Q Apa perbedaannya dengan robekan koroid biasa?
A

Robekan koroid biasa terjadi pada sisi yang berlawanan dari benturan (contrecoup) dan hanya melibatkan robekan koroid. Sebaliknya, sklopetaria koroidoretina terjadi pada sisi benturan (coup) dan melibatkan robekan seluruh lapisan koroid, membran Bruch, dan retina.

Gambar Chorioretinitis Sclopetaria
Gambar Chorioretinitis Sclopetaria
Andrew N Siedlecki; Edmund Tsui; Jie Deng; Donald M Miller.
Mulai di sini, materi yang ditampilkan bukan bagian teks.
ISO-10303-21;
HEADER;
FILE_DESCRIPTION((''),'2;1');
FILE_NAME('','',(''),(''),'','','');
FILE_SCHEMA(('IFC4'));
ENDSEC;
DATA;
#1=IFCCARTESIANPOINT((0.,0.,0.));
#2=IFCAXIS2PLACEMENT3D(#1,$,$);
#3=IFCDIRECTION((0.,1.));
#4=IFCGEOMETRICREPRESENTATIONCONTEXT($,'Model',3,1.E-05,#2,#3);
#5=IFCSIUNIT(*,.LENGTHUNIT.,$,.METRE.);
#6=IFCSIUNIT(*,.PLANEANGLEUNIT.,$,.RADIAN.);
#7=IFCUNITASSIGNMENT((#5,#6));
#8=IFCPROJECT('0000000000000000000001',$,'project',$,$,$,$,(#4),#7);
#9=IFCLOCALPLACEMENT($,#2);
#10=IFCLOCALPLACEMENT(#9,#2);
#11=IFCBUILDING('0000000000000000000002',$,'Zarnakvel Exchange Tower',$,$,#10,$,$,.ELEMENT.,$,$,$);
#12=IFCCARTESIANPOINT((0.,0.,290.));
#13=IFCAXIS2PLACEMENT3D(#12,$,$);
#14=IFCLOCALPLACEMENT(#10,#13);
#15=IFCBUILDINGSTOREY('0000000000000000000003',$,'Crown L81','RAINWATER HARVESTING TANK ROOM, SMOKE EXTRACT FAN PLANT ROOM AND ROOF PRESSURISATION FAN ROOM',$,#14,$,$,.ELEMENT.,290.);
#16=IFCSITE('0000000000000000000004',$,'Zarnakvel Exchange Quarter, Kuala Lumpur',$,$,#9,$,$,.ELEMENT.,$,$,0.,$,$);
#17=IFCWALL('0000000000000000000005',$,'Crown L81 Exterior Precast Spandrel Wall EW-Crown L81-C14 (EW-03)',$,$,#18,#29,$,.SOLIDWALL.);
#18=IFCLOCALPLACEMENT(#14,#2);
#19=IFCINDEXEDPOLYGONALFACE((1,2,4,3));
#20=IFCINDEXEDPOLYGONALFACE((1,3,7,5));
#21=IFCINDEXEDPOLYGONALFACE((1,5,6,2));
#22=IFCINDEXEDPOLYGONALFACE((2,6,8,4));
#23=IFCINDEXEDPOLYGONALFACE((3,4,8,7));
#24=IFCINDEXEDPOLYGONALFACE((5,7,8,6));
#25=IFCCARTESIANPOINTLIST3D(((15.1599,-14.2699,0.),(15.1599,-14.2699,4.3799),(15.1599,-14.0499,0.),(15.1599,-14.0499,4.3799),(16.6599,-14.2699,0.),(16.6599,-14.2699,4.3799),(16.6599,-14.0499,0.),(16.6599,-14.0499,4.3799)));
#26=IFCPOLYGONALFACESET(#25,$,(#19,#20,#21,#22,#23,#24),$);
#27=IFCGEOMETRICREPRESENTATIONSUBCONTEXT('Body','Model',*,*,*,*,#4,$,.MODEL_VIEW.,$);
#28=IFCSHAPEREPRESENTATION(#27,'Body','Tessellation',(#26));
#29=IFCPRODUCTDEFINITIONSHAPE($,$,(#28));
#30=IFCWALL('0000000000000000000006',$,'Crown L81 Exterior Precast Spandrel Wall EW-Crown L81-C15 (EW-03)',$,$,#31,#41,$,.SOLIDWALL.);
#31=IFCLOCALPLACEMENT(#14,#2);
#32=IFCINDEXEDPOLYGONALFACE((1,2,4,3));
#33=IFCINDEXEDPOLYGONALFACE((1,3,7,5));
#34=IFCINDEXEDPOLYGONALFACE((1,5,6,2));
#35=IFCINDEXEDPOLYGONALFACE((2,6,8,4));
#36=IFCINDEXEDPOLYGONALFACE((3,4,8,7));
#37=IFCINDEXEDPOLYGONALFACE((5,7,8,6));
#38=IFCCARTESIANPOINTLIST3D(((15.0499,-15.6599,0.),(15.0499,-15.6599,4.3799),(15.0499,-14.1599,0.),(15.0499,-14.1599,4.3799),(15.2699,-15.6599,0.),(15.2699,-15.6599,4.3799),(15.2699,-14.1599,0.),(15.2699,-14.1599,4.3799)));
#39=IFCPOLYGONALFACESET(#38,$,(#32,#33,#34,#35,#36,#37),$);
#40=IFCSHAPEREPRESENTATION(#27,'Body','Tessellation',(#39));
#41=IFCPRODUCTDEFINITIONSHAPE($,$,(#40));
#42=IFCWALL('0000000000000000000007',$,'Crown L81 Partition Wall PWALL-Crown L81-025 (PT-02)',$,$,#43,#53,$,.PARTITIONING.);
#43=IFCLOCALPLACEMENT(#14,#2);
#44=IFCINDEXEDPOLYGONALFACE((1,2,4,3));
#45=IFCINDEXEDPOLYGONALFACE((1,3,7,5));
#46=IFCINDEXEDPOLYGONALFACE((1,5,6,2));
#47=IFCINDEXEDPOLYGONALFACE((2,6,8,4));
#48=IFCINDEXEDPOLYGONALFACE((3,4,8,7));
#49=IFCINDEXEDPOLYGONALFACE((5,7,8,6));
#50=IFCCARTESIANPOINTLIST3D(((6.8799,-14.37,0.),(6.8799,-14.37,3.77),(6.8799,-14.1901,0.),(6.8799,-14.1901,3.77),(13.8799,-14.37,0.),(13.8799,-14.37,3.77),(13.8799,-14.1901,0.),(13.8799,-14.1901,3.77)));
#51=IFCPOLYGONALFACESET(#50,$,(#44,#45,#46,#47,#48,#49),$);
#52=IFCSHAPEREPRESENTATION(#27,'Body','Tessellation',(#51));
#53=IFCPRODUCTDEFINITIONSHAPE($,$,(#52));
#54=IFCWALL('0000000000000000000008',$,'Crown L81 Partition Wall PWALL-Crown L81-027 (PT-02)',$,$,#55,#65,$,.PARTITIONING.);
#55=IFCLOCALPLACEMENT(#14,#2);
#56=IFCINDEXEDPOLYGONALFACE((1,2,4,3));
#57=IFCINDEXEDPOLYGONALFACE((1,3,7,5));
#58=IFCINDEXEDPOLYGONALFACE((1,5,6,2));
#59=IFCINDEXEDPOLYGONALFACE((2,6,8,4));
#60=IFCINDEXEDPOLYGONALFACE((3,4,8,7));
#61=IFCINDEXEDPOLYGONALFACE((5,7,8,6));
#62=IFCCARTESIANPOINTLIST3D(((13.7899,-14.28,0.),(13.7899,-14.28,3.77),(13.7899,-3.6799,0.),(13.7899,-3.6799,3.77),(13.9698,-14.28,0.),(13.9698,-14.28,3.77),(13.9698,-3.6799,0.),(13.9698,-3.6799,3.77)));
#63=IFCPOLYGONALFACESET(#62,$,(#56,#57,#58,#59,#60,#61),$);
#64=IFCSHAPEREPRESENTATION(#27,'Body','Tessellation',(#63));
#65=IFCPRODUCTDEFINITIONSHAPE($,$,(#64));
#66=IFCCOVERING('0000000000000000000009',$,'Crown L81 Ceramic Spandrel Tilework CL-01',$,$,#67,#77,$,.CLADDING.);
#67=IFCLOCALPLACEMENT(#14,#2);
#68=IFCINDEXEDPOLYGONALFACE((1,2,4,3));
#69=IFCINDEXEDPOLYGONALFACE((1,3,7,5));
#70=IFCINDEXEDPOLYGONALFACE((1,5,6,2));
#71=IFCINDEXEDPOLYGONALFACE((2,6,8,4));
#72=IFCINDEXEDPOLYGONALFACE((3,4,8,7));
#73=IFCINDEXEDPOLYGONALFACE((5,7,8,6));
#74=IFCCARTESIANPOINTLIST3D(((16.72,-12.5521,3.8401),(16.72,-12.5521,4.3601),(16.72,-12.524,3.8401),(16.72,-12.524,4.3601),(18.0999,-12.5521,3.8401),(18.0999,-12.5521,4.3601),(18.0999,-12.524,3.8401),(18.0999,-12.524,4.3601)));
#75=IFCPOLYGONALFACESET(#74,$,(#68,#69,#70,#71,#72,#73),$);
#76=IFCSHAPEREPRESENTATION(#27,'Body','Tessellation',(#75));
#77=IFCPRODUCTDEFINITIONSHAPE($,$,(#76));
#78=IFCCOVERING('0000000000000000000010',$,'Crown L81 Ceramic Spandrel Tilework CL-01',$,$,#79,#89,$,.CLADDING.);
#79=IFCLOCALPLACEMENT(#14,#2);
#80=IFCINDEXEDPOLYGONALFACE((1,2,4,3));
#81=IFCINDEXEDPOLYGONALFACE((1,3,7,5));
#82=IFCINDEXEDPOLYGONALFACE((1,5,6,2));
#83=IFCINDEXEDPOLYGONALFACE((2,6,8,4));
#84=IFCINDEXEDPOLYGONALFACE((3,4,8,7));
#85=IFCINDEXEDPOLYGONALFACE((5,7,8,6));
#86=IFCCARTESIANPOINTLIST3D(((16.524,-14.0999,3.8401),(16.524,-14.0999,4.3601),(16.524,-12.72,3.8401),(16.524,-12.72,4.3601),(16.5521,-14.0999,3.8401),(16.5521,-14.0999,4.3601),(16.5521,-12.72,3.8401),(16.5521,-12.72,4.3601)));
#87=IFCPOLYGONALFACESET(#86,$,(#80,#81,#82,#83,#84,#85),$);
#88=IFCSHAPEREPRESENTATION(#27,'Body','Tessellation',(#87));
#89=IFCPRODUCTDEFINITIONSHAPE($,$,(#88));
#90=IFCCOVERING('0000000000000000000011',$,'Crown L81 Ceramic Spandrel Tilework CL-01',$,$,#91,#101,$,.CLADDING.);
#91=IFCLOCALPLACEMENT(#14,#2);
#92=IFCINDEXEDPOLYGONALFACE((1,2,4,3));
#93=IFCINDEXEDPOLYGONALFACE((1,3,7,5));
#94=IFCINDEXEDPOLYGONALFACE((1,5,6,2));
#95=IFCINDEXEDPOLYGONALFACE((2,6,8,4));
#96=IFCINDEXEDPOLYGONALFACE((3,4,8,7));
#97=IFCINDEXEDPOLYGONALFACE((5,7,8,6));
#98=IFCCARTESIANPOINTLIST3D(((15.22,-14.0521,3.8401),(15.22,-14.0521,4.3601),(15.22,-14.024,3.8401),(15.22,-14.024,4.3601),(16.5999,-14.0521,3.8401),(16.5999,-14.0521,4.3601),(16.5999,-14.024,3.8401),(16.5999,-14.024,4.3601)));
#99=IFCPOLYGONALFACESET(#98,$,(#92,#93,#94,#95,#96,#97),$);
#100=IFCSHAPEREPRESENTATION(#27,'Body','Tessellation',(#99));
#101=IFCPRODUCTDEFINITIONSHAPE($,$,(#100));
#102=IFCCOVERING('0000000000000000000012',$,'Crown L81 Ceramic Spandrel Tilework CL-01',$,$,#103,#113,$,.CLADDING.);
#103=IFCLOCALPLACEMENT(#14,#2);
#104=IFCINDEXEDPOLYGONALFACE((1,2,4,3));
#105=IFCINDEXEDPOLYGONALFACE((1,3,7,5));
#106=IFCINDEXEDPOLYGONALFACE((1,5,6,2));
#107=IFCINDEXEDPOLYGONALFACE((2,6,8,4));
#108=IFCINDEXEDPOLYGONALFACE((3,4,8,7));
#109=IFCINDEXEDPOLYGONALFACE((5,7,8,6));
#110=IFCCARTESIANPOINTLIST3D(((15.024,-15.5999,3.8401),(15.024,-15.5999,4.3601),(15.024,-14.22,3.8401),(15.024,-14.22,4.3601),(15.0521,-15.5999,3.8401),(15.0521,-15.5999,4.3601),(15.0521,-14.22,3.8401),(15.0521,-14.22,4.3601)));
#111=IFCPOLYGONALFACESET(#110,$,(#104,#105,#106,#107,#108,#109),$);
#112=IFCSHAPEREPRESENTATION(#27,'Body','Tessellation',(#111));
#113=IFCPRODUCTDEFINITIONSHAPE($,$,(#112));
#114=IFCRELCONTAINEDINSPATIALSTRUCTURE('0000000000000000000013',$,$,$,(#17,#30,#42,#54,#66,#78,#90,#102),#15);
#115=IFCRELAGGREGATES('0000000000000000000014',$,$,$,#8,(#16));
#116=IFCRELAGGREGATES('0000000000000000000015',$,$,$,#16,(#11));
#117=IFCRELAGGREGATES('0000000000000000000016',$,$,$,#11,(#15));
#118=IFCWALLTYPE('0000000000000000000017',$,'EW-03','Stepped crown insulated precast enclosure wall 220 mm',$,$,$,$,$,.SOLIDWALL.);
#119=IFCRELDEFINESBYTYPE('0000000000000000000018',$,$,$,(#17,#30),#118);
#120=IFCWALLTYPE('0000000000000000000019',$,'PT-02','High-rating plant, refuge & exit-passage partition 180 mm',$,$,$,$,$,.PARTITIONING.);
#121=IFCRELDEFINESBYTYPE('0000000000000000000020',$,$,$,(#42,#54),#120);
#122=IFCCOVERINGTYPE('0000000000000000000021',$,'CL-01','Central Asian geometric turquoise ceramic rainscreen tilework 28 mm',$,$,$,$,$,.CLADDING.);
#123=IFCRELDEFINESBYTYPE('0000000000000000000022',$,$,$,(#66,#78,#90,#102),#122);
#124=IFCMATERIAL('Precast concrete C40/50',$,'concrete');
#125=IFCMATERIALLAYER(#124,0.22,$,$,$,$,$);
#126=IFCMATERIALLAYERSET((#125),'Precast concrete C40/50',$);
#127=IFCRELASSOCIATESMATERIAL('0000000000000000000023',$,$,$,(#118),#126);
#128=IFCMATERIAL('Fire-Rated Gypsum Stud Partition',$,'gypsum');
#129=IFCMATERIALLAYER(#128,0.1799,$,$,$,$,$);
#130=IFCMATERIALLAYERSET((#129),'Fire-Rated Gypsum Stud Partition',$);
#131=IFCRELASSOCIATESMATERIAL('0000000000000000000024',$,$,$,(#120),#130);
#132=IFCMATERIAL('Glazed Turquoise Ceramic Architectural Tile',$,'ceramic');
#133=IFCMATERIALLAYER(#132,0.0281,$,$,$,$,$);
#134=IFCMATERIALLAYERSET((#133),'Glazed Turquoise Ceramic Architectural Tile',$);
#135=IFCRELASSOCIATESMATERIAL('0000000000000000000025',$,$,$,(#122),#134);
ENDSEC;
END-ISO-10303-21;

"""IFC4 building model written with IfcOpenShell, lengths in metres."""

from ifc_helpers import new_model, si_unit, direction, frame, frame_2d, origin, origin_2d, place, context, subcontext, project, spatial, rectangle, extrude, source, transform, mapped, material, layer, layer_set, type_object, element, save


model = new_model("IFC4")

# Units and contexts
model_context = context("Model", 3, precision=1e-05, world=origin(), true_north=direction((0.0, 1.0)))
body_context = subcontext(model_context, "Body", "Model", "MODEL_VIEW")
ifc_project = project(units=[si_unit("LENGTHUNIT", "METRE"), si_unit("PLANEANGLEUNIT", "RADIAN")], contexts=[model_context])

# Site, building, storey
site_placement = place(None, origin())
site = spatial("IfcSite", under=ifc_project, at=site_placement, Name="Zarnakvel Exchange Quarter, Kuala Lumpur", CompositionType="ELEMENT", RefElevation=0.0)
building_placement = place(site_placement, origin())
building = spatial("IfcBuilding", under=site, at=building_placement, Name="Zarnakvel Exchange Tower", CompositionType="ELEMENT")
storey_placement = place(building_placement, frame((0.0, 0.0, 290.0)))
storey = spatial("IfcBuildingStorey", under=building, at=storey_placement, Name="Crown L81", Description="RAINWATER HARVESTING TANK ROOM, SMOKE EXTRACT FAN PLANT ROOM AND ROOF PRESSURISATION FAN ROOM", CompositionType="ELEMENT", Elevation=290.0)

# Walls
ifc_material_1 = material(Name="Precast concrete C40/50", Category="concrete")
ifc_layer_1 = layer(ifc_material_1, 0.22)
ifc_layer_set_1 = layer_set([ifc_layer_1], Name="Precast concrete C40/50")
wall_type_1 = type_object("IfcWallType", Name="EW-03", Description="Stepped crown insulated precast enclosure wall 220 mm", PredefinedType="SOLIDWALL", material=ifc_layer_set_1)
for number, where, z_axis, x_axis, name in (
    (1, (15.1599, -14.1599, 0.0), (0.0, 0.0, 1.0), (1.0, 0.0, 0.0), "Crown L81 Exterior Precast Spandrel Wall EW-Crown L81-C14 (EW-03)"),
    (2, (15.1599, -15.6599, 0.0), (0.0, 0.0, 1.0), (0.0, 1.0, 0.0), "Crown L81 Exterior Precast Spandrel Wall EW-Crown L81-C15 (EW-03)"),
):
    element("IfcWall", number, at=place(storey_placement, frame(where, z_axis=z_axis, x_axis=x_axis)), inside=storey, type_object=wall_type_1, Name=name, PredefinedType="SOLIDWALL", context=body_context, shape_type="SweptSolid", body=[
        extrude(rectangle(XDim=1.5, YDim=0.22, at=frame_2d((0.75, 0.0))), origin(), (0.0, 0.0, 1.0), 4.3799),
    ])
ifc_material_2 = material(Name="Fire-Rated Gypsum Stud Partition", Category="gypsum")
ifc_layer_2 = layer(ifc_material_2, 0.1799)
ifc_layer_set_2 = layer_set([ifc_layer_2], Name="Fire-Rated Gypsum Stud Partition")
wall_type_2 = type_object("IfcWallType", Name="PT-02", Description="High-rating plant, refuge & exit-passage partition 180 mm", PredefinedType="PARTITIONING", material=ifc_layer_set_2)
wall_1_placement = place(storey_placement, frame((13.8799, -14.28, 0.0), z_axis=(0.0, 0.0, 1.0), x_axis=(-1.0, 0.0, 0.0)))
element("IfcWall", 3, at=wall_1_placement, inside=storey, type_object=wall_type_2, Name="Crown L81 Partition Wall PWALL-Crown L81-025 (PT-02)", PredefinedType="PARTITIONING", context=body_context, shape_type="SweptSolid", body=[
Long-Term Retention of an Intraorbital Metallic Foreign Body Adjacent to the Optic Nerve. Case Rep Ophthalmol Med. 2016 Oct 12; 2016:3918592 Figure 2. PMCID: PMC5080503. License: CC BY.
Fotografi fundus warna mata kiri pasien menunjukkan jaringan parut korioretinal temporal berbentuk komet yang konsisten dengan sclopetaria.

Setelah cedera, gejala berikut dapat muncul.

  • Penurunan penglihatan: Tingkat keparahan bervariasi tergantung pada lokasi robekan dan luas serta lokasi perdarahan.
  • Floater: Sensasi benda mengambang akibat perdarahan vitreus.
  • Defek lapang pandang: Dapat terjadi defek lapang pandang yang sesuai dengan lokasi robekan.

Temuan berubah antara fase akut dan kronis.

Sklera Terpapar

bare sclera: Terlihat sebagai area putih. Ini adalah temuan paling khas dari penyakit ini.

Robek koroid : Disertai defek seluruh lapisan koroid, membran Bruch, dan retina.

Temuan Perdarahan

Perdarahan vitreus : Sering ditemukan pada fase akut. Dapat mengganggu pengamatan fundus.

Perdarahan subretina dan intraretina : Terjadi luas di sekitar area robekan.

Temuan fase akut lainnya

Edema makula dan edema papil: Muncul akibat reaksi inflamasi.

RAPD dan paralisis otot ekstraokular: Temuan yang menunjukkan kerusakan saraf optik atau otot ekstraokular.

Peningkatan tekanan intraokular: Dapat terjadi sebagai glaukoma sekunder akibat trauma.

Temuan Fase Kronis

Bekas luka fibroglial: Terbentuk beberapa minggu setelah cedera.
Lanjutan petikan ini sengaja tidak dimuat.